Well, this is my first time blogging and I am finally getting a move-on after two years of encouragement and and persuasion from none other than my blog-savvy buddy Drew Meyers.
I am just freshly back from a stint abroad, and doing my best to re-integrate into the American-way while simultaneously preparing myself for my fall enrollment at UW’s Foster School of Business. I’ll be getting my MBA.
I suppose a blog should be written in many ways like a paper — assume your audience knows nothing (or little to nothing). So I’ll use this first blog to talk a little about who I am, and where I am in the whole roller-coaster ride of life. I grew up in the Pacific Northwest, and am honestly only mildly happy to be back in the area for school.

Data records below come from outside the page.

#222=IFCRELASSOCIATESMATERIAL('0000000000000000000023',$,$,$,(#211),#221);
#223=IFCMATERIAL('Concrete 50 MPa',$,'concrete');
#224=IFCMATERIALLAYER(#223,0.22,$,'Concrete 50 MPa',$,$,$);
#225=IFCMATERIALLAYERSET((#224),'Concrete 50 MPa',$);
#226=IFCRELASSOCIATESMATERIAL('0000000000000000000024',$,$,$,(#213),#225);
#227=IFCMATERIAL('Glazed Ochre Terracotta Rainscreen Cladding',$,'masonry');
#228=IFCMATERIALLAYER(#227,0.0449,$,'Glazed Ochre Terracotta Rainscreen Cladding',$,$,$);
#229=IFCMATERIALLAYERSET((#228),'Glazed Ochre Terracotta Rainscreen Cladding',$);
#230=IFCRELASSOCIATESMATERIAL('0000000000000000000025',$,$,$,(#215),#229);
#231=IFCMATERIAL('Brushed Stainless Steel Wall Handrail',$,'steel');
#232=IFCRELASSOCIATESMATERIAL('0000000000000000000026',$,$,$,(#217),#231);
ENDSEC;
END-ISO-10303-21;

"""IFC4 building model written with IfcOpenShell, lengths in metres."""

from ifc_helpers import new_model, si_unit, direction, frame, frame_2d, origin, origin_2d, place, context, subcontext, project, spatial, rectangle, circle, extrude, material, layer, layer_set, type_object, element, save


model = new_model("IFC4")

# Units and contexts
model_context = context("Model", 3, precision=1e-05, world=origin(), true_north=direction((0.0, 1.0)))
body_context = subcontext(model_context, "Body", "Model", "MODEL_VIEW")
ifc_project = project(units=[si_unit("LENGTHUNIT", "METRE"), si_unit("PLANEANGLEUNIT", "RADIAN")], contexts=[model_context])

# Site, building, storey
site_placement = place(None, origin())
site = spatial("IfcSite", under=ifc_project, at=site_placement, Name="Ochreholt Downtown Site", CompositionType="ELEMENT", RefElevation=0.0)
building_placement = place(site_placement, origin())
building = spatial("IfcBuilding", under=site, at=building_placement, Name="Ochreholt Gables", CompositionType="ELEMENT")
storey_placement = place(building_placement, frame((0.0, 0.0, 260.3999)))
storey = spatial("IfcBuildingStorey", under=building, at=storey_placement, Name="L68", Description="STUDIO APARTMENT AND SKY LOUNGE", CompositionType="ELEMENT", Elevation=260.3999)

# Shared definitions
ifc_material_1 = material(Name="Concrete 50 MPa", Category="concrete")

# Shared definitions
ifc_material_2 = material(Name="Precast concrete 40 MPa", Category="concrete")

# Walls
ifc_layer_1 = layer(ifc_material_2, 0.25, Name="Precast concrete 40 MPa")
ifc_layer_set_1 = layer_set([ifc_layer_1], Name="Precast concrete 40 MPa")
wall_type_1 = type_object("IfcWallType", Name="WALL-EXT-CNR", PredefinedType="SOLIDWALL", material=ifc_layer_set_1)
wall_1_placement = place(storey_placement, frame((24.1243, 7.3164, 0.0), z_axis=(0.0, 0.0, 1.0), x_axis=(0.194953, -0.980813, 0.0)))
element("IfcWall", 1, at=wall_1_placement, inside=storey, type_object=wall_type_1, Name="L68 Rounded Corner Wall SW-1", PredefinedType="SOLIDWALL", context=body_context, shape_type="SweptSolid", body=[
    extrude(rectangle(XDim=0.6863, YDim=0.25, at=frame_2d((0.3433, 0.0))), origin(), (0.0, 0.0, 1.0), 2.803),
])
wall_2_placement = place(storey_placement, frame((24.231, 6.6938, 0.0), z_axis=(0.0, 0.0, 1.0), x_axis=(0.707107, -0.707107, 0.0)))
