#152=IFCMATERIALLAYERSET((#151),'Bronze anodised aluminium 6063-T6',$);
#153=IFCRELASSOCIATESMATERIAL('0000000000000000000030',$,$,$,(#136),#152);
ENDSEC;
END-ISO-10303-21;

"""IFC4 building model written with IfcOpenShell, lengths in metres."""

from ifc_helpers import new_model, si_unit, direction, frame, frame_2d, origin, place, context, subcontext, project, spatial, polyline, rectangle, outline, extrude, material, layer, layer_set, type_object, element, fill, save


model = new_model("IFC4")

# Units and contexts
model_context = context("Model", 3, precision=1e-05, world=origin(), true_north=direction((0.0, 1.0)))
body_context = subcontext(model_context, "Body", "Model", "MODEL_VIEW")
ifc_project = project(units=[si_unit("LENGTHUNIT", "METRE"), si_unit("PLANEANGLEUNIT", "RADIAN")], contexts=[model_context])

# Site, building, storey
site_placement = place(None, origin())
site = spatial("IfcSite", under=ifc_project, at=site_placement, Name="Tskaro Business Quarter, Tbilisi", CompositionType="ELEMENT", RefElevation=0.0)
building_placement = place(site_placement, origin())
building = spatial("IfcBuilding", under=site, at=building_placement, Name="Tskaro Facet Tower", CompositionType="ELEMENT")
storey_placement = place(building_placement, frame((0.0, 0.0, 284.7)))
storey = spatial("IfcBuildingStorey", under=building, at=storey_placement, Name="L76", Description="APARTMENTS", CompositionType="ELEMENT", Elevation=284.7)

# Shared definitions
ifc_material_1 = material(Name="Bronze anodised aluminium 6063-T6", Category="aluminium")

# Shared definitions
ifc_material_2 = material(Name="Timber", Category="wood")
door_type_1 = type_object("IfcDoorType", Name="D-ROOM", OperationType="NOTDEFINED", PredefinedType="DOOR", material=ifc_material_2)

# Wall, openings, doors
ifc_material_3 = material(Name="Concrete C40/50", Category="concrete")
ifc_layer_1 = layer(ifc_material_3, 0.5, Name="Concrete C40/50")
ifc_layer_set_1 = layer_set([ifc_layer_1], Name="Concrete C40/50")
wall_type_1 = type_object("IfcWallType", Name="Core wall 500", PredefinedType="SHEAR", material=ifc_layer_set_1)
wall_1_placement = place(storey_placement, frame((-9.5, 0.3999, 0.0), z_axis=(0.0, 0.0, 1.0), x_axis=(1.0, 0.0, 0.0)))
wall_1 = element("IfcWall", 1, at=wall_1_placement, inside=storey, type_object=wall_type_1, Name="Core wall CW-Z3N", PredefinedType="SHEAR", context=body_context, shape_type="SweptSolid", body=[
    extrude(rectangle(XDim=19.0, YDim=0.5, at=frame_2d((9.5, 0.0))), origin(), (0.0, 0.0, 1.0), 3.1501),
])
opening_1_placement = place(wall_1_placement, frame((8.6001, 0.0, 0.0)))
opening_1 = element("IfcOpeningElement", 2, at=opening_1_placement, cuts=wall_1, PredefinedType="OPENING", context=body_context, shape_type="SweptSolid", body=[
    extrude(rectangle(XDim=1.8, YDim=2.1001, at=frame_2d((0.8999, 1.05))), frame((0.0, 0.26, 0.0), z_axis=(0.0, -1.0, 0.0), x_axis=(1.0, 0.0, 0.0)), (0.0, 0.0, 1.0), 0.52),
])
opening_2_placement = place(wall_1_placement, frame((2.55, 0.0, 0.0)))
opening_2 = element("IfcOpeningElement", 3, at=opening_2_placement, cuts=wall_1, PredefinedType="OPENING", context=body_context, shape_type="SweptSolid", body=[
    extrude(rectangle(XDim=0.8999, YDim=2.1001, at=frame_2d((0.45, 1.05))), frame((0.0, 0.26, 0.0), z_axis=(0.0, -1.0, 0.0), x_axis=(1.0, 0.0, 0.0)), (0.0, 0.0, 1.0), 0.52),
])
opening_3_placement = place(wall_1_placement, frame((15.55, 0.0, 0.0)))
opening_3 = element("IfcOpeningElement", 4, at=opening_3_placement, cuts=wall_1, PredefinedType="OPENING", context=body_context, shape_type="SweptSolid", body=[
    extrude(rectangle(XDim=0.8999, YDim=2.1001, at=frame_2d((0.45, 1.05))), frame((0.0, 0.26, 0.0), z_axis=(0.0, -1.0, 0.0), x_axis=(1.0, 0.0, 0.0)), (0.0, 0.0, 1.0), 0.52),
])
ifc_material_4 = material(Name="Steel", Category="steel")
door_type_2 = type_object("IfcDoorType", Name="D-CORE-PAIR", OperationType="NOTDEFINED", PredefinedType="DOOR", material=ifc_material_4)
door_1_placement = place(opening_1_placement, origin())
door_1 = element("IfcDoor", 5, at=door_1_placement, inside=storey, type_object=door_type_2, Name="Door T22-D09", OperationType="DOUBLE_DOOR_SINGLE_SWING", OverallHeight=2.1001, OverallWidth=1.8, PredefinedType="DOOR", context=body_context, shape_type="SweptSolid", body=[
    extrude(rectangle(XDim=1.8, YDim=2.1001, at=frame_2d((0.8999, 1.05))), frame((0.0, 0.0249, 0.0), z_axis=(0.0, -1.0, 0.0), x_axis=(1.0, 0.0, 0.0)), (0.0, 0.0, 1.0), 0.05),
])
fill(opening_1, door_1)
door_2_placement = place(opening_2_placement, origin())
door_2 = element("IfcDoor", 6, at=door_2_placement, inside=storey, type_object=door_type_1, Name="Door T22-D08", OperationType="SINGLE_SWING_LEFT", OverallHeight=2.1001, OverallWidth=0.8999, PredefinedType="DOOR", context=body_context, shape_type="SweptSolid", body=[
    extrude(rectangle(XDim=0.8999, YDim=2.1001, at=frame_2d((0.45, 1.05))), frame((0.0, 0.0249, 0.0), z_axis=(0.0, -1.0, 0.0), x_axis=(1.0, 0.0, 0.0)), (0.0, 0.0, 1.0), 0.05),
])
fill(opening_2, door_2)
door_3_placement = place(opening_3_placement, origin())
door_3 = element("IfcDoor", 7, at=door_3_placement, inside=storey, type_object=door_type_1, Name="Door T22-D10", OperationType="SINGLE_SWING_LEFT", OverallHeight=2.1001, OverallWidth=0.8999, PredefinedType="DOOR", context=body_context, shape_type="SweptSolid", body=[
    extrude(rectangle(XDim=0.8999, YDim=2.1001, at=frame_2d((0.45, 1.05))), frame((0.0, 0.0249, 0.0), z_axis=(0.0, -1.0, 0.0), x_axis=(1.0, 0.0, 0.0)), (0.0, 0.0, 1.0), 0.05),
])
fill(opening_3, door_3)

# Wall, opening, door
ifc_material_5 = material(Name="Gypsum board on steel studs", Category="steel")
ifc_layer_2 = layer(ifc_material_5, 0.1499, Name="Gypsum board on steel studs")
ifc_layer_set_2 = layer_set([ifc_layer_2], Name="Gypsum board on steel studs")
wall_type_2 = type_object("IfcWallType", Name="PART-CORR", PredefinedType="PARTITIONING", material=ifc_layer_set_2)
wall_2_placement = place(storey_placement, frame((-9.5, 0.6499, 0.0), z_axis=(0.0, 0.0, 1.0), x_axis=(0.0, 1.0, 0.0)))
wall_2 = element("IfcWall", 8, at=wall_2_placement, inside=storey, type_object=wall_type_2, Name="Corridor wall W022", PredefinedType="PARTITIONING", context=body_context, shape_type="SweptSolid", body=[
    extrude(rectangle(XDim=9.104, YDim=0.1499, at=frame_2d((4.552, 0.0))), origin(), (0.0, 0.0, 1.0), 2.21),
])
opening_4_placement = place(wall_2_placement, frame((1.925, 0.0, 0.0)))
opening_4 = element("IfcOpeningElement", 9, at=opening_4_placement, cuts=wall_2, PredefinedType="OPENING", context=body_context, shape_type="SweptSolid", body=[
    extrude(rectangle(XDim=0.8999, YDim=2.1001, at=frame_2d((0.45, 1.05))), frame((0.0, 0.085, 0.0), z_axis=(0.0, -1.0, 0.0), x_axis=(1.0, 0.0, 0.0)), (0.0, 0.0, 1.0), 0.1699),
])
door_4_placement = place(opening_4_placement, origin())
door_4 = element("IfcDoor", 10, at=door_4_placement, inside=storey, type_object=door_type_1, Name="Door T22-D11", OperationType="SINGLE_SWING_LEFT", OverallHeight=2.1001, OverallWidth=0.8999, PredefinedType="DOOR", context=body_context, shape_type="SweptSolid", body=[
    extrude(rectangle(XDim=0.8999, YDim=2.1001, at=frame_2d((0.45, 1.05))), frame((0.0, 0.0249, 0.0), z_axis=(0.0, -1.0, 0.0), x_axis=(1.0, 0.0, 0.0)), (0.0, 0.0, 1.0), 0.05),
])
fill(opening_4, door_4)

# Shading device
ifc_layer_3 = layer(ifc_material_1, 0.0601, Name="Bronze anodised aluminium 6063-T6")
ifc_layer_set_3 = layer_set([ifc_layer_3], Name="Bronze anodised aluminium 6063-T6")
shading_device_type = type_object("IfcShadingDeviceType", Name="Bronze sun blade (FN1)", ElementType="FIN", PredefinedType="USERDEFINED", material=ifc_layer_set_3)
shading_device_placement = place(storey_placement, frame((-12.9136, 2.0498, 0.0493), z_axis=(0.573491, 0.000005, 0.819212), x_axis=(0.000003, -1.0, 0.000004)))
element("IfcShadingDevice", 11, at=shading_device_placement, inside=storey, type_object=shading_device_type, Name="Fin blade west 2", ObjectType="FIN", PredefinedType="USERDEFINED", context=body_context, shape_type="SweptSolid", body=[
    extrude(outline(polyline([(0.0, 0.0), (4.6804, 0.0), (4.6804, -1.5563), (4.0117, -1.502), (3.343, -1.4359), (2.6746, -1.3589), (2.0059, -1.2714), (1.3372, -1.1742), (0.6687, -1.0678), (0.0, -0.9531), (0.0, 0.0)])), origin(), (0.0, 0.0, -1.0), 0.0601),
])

My biggest fear is the weather — sound petty? I’m okay with that, because after spending six years in the Bay Area, and then the past two years in the Dominican Republic I have really come to enjoy the sun, its warmth, and all the extra energy it seems to propel into every day life. One day at a time though, and for now I’ll continue to enjoy the lovely summer weather we’ve been having.
I spent the past two years working for a Christian micro finance organization that serves the poor in the DR and Haiti. It was, without doubt, the most incredible and humbling blessing of my life. My eyes were opened to so much, and I was brought to a much more confident, peaceful and inspired place in my relationship with God. My time there reaffirmed my sense of peace and purpose in pursuing a life that will give back to others and make our world a better place. It’s really hard to be back stateside, but like I said I am just trying to take everything a day at a time. Slow and sure, I’m trying to keep busy with purpose.
I am back in Seattle now for the first time since I left for college in 2001. I am looking forward to being in school again. A new pace of life, a challenging environment and the opportunity to meet a new group of people will be a great step for me right now. I learned enough with my work in the DR to know that I still have a lot to learn — my intent is to get a jump start on some of that learning in my MBA program so that I can go back out into the world and help some really outstanding NGO’s reach those who need them with a greater degree of efficacy.
I’ve started doing some of my suggested summer reading, and then also stumbled upon a coffee-table book I am finding fascinating, Thomas Friedman’s “Hot, Flat, and Crowded.” Its exciting to read books like this now because I have seen horrible corruption, abject poverty, disease and much more with my own eyes. I notice I am more more aware of taking the big questions and the pivotal debates scrawled out in these books to heart than I ever have been before.
I have a couple things I came across in my recent readings that I’d like to share here, I’ll continue to investigate and ponder them over the next week or two I am sure. I hope you all enjoy, and thanks for bearing with me!
“If we want things to stay as they are, things are going to have to change” (I was astonished at how this fit into so many areas of my life. Friedman used it do describe how we enjoy life right now, and that if we want to continue enjoying life on our planet as we do today, the world’s current consumption rate and how we protect our resources, has got to change).
(From a Po Bronson book) Sankskrit describes five layers of self/mind: physical, feeling, perception, intention, and consciousness. Self is the combination of the five– so if I break it down, how do all five of those elements come together to reflect the person I am? Or the person I want to be?
We all talk about being do-ers, and how our actions speak louder than words…but, every day our silence says things loud and clear. I have to wonder, on which issues does our silence speak louder, and clearer than our actions and words combined?